I cried in Dollar Tree on Saturday. No, it wasn’t from nostalgia or the incredibly great deals they have there. It wasn’t over the fact I used to work there. Let me be raw with you all today… bear with me as I may cry again on this.
It all started with a Halloween display full of knick-knacks. You know those little porcelain-esque figurines that are themed for the various holidays? Yeah, those threw me into a whirlwhind. How could something so small and seemingly meaningless have such a profound effect on me? The immediate attachment in my mind of those is to my mamaw. (for all you non-Southern readers that’s a term we use for grandmother alot in the South, mainly Tennessee)
She used to buy those alot, in the years following my papaw’s passing. She had a routine. One of my uncles or my mom would take her to stay at her sister’s house on Friday nights. My mamaw never learned to drive, which I think is a daring and bold move. They would have dinner, a sleepover, and enjoy life together as widows. It was an endearing bond to see them together, acting as if they were 16 again and not well into their 70s. On Saturdays they would walk to Wal-Mart that rested below my great aunt’s apartment and spend the day in the shopping center there.
Dollar Tree was at the end of that shopping center where Wal-Mart was, and they would stop in to find treasures. This is where she found those lovely figurines often. When I was home from my first year from college, I decided working there part time would be great since everything cost $1 and it was relatively easy to straighten stuff. They both would come in often and visit me while I was working. The staff knew them, and loved them as if they were their own family.

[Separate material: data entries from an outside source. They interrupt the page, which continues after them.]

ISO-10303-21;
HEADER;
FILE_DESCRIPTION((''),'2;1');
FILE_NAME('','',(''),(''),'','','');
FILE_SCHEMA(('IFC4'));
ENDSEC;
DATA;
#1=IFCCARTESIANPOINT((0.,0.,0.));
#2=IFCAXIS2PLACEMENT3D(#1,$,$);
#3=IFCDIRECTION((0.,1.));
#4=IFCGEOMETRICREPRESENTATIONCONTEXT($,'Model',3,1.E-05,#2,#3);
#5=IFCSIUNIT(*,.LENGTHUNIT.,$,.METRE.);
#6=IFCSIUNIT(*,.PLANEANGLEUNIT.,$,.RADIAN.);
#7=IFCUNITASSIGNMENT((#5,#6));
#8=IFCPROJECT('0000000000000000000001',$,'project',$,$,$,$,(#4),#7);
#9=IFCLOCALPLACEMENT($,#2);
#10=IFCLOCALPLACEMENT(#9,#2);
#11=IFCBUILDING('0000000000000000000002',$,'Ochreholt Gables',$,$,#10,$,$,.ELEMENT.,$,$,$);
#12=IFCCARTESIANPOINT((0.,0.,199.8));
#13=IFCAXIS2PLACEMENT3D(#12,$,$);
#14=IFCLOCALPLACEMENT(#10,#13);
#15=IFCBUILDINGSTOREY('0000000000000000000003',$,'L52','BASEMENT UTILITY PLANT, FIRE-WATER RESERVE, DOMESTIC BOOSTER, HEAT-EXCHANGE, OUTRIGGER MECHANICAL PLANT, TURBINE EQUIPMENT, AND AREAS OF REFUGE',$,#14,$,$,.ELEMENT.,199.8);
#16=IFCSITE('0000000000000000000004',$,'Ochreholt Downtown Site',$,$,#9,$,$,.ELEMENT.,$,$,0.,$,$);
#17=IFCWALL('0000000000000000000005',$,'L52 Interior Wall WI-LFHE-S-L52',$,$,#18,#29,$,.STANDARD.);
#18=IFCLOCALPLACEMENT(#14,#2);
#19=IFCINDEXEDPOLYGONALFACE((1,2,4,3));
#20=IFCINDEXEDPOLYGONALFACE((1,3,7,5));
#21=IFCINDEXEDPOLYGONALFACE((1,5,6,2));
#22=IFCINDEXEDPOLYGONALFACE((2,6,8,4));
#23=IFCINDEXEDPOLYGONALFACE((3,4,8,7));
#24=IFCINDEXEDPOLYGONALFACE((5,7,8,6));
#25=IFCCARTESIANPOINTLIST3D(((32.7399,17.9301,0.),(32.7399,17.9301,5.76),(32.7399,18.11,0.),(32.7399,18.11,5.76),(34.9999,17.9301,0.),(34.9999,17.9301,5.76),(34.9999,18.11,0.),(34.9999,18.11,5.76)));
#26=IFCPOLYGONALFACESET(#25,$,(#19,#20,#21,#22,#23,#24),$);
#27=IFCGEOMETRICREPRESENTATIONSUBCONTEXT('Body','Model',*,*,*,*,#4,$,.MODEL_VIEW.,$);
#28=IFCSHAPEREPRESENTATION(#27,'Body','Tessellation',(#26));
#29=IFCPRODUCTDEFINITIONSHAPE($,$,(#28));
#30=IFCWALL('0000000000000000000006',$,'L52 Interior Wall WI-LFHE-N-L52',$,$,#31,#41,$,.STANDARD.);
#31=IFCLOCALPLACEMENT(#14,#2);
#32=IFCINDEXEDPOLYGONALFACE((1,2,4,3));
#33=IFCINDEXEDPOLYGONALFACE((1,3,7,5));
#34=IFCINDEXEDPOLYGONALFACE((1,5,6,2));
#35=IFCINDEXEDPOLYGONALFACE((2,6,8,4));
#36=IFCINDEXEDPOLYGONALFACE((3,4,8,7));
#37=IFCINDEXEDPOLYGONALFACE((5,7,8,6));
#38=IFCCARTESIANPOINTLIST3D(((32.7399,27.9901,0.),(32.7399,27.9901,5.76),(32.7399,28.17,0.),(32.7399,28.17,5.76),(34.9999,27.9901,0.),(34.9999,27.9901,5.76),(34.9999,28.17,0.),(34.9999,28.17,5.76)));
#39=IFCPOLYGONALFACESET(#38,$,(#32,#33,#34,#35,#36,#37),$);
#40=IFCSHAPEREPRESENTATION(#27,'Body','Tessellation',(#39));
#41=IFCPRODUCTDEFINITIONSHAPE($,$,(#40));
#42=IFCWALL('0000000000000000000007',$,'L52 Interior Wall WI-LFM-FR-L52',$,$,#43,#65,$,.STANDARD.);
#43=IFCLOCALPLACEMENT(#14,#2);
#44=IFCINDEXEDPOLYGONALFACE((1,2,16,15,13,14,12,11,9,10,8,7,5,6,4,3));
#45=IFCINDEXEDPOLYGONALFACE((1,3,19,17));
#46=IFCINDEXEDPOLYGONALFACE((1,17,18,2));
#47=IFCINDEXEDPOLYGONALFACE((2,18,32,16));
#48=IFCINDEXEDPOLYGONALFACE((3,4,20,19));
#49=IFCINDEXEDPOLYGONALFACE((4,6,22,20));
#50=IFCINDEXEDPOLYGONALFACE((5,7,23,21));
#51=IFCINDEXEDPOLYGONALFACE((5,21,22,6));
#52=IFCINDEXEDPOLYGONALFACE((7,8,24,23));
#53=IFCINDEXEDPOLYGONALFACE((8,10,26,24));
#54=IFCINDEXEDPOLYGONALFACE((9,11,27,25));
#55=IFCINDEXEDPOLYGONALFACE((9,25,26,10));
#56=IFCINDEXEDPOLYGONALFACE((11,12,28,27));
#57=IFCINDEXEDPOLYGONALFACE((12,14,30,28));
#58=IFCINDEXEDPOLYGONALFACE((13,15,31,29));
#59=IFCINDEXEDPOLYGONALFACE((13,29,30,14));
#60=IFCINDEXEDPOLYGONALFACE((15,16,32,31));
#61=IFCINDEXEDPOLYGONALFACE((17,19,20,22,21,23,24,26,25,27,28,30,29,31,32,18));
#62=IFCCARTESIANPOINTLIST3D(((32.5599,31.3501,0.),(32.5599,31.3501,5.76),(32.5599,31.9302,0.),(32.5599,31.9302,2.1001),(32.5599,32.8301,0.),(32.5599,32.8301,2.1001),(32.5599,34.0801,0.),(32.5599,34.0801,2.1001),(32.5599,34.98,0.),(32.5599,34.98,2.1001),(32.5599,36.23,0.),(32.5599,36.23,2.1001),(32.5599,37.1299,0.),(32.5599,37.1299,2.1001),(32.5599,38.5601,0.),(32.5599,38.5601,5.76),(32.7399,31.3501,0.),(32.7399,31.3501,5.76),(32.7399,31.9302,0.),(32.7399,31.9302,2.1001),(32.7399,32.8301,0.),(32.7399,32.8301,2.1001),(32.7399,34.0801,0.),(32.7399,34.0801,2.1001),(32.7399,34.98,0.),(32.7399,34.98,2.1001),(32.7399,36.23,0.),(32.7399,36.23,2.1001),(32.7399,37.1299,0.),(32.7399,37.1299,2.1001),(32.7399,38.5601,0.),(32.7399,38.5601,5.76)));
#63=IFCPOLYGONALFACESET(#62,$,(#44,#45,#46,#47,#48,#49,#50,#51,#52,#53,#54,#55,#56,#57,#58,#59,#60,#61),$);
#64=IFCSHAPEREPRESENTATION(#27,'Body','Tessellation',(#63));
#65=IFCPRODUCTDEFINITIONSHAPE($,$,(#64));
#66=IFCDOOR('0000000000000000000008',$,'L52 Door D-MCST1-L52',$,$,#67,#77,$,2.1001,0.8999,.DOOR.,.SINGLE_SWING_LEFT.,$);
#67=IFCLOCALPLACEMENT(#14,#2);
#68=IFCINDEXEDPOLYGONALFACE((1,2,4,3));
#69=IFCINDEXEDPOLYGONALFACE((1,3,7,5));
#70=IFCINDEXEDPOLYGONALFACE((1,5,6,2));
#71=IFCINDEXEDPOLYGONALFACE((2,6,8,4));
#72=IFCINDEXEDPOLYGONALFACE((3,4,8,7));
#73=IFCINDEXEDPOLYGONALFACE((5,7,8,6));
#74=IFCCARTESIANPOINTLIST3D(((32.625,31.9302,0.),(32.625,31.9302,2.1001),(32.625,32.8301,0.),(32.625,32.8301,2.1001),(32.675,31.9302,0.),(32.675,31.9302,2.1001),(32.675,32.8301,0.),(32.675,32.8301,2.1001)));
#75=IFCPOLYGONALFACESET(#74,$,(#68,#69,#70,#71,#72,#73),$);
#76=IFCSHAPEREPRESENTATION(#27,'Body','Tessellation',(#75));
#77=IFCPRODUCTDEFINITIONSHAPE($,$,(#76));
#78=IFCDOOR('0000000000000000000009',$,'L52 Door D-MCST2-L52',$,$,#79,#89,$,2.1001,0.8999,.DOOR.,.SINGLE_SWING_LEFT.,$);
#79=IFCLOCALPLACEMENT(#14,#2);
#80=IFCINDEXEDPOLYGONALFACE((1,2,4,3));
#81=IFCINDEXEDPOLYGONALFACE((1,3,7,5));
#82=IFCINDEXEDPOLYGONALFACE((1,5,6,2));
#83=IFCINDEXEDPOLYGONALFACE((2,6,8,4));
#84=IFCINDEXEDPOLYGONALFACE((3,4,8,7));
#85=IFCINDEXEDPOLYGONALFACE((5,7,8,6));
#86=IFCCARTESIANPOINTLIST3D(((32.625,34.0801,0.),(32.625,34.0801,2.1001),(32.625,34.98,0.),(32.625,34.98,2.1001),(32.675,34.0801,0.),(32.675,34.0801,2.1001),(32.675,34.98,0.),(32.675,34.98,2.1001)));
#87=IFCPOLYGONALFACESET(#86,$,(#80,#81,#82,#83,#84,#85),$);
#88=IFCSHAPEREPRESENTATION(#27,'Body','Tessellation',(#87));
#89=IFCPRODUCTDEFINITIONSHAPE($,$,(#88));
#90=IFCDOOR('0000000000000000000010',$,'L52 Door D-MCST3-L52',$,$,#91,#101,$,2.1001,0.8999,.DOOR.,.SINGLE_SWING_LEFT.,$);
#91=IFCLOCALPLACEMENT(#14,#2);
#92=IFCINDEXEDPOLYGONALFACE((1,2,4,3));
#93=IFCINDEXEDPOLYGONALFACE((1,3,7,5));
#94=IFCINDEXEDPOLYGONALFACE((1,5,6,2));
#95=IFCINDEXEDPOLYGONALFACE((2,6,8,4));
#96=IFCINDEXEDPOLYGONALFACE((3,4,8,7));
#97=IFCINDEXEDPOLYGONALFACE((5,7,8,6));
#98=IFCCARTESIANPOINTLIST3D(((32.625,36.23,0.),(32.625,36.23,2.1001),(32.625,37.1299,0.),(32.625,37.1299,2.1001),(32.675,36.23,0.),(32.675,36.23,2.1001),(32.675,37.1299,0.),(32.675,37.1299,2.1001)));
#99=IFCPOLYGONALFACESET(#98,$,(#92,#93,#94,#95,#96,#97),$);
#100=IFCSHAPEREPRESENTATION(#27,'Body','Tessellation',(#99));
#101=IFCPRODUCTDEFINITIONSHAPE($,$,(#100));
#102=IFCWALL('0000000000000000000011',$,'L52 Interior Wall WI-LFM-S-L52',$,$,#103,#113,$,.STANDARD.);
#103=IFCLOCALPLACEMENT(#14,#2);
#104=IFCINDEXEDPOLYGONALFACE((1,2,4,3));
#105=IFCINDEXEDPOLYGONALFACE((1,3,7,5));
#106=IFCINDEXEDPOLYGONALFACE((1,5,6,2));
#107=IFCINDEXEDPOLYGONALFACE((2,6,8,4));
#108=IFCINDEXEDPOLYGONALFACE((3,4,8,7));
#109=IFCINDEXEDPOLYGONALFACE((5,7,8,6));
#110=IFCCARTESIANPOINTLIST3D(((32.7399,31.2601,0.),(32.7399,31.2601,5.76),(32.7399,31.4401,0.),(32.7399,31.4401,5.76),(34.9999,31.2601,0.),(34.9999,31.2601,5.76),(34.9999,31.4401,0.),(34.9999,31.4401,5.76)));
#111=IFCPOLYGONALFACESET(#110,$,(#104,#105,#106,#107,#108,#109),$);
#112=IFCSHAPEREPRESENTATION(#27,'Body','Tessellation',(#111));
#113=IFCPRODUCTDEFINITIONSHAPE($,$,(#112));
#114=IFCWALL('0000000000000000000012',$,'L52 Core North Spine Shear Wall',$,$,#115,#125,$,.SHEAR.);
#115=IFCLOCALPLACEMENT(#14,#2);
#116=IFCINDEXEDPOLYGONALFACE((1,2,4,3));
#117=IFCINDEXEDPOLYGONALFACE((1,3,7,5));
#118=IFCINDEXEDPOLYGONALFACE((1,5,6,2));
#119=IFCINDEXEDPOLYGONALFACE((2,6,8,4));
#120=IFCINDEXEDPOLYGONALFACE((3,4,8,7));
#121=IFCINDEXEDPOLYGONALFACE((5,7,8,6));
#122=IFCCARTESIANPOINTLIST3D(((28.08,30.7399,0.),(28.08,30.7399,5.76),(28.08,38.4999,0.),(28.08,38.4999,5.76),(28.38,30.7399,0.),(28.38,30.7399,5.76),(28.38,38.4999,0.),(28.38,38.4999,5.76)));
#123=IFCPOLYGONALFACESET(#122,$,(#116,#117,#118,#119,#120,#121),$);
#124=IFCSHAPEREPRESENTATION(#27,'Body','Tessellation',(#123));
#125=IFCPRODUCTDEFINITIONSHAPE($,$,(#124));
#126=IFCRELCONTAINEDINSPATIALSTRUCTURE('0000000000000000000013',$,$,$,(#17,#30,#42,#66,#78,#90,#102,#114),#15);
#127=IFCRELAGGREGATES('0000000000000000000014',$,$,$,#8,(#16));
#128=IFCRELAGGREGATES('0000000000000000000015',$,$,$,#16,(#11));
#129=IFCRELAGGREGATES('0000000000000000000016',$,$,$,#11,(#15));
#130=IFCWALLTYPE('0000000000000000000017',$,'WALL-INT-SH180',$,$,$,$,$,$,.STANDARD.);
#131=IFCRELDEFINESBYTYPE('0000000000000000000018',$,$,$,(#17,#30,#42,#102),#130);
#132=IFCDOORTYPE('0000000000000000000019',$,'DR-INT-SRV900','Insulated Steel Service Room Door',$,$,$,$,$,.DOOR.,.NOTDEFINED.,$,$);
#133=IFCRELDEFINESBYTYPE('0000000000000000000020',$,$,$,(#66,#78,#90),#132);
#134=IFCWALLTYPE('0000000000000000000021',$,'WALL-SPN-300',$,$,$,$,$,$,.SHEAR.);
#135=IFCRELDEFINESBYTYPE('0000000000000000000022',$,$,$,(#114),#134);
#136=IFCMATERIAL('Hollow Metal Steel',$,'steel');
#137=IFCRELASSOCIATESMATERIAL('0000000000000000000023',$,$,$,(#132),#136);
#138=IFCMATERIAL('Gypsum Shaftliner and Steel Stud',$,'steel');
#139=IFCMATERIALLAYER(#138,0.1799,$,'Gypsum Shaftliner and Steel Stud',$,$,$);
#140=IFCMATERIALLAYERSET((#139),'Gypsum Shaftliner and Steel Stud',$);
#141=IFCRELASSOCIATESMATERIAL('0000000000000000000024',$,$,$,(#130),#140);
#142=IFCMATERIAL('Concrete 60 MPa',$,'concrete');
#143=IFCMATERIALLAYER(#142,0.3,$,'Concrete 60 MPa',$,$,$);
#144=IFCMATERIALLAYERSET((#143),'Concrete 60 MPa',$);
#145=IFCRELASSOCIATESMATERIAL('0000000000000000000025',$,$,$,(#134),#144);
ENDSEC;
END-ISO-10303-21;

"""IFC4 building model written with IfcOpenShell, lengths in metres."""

from ifc_helpers import new_model, si_unit, direction, frame, frame_2d, origin, place, context, subcontext, project, spatial, rectangle, extrude, material, layer, layer_set, type_object, element, fill, save


model = new_model("IFC4")

# Units and contexts
model_context = context("Model", 3, precision=1e-05, world=origin(), true_north=direction((0.0, 1.0)))
body_context = subcontext(model_context, "Body", "Model", "MODEL_VIEW")
ifc_project = project(units=[si_unit("LENGTHUNIT", "METRE"), si_unit("PLANEANGLEUNIT", "RADIAN")], contexts=[model_context])

# Site, building, storey
site_placement = place(None, origin())
site = spatial("IfcSite", under=ifc_project, at=site_placement, Name="Ochreholt Downtown Site", CompositionType="ELEMENT", RefElevation=0.0)
building_placement = place(site_placement, origin())
building = spatial("IfcBuilding", under=site, at=building_placement, Name="Ochreholt Gables", CompositionType="ELEMENT")
storey_placement = place(building_placement, frame((0.0, 0.0, 199.8)))
storey = spatial("IfcBuildingStorey", under=building, at=storey_placement, Name="L52", Description="BASEMENT UTILITY PLANT, FIRE-WATER RESERVE, DOMESTIC BOOSTER, HEAT-EXCHANGE, OUTRIGGER MECHANICAL PLANT, TURBINE EQUIPMENT, AND AREAS OF REFUGE", CompositionType="ELEMENT", Elevation=199.8)

# Shared definitions
ifc_material_1 = material(Name="Concrete 60 MPa", Category="concrete")

# Shared definitions
ifc_material_2 = material(Name="Hollow Metal Steel", Category="steel")
door_type = type_object("IfcDoorType", Name="DR-INT-SRV900", Description="Insulated Steel Service Room Door", OperationType="NOTDEFINED", PredefinedType="DOOR", material=ifc_material_2)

My mamaw passed five years ago around Mother’s Day. It was a difficult time in my life around her passing as I was incredibly close to her, and felt like a piece of my life was vacant and empty. She had such an influence in my life, as did my papaw who passed when I was young but whose voice still resonates in my heart. For a couple of years in my childhood I was able to spend my summers with her, and I cherish the impact that had on me even now at 31.
She taught me how to stifle a laugh so that people knew just how much you enjoyed them while still being a lady in their presence. She taught me how to thread a needle, and sew everything by hand. She showed me there were two important things in a day to never miss, a story and the weather. (She always watched Days of Our Lives, and the local weather report) She taught me to never place my pocketbook (cause that’s truly what you call them) on the ground, but always in your lap. She taught me to enjoy the sweetness of life, eventhough you might be diabetic. She showed me that true love is loving someone even after they are gone. She exhibited that love is loving a child when it’s not your blood. She taught me fresh fruit is the best fruit, and even better when you grow it yourself. She taught me sisterly bonds are never broken, regardless of how old you are.
Most of all, she taught me God loves me more than a grandparent could, more than a parent could, and that kind of love is the best thing for a person to know and to show. That is a treasure that won’t fade away with time.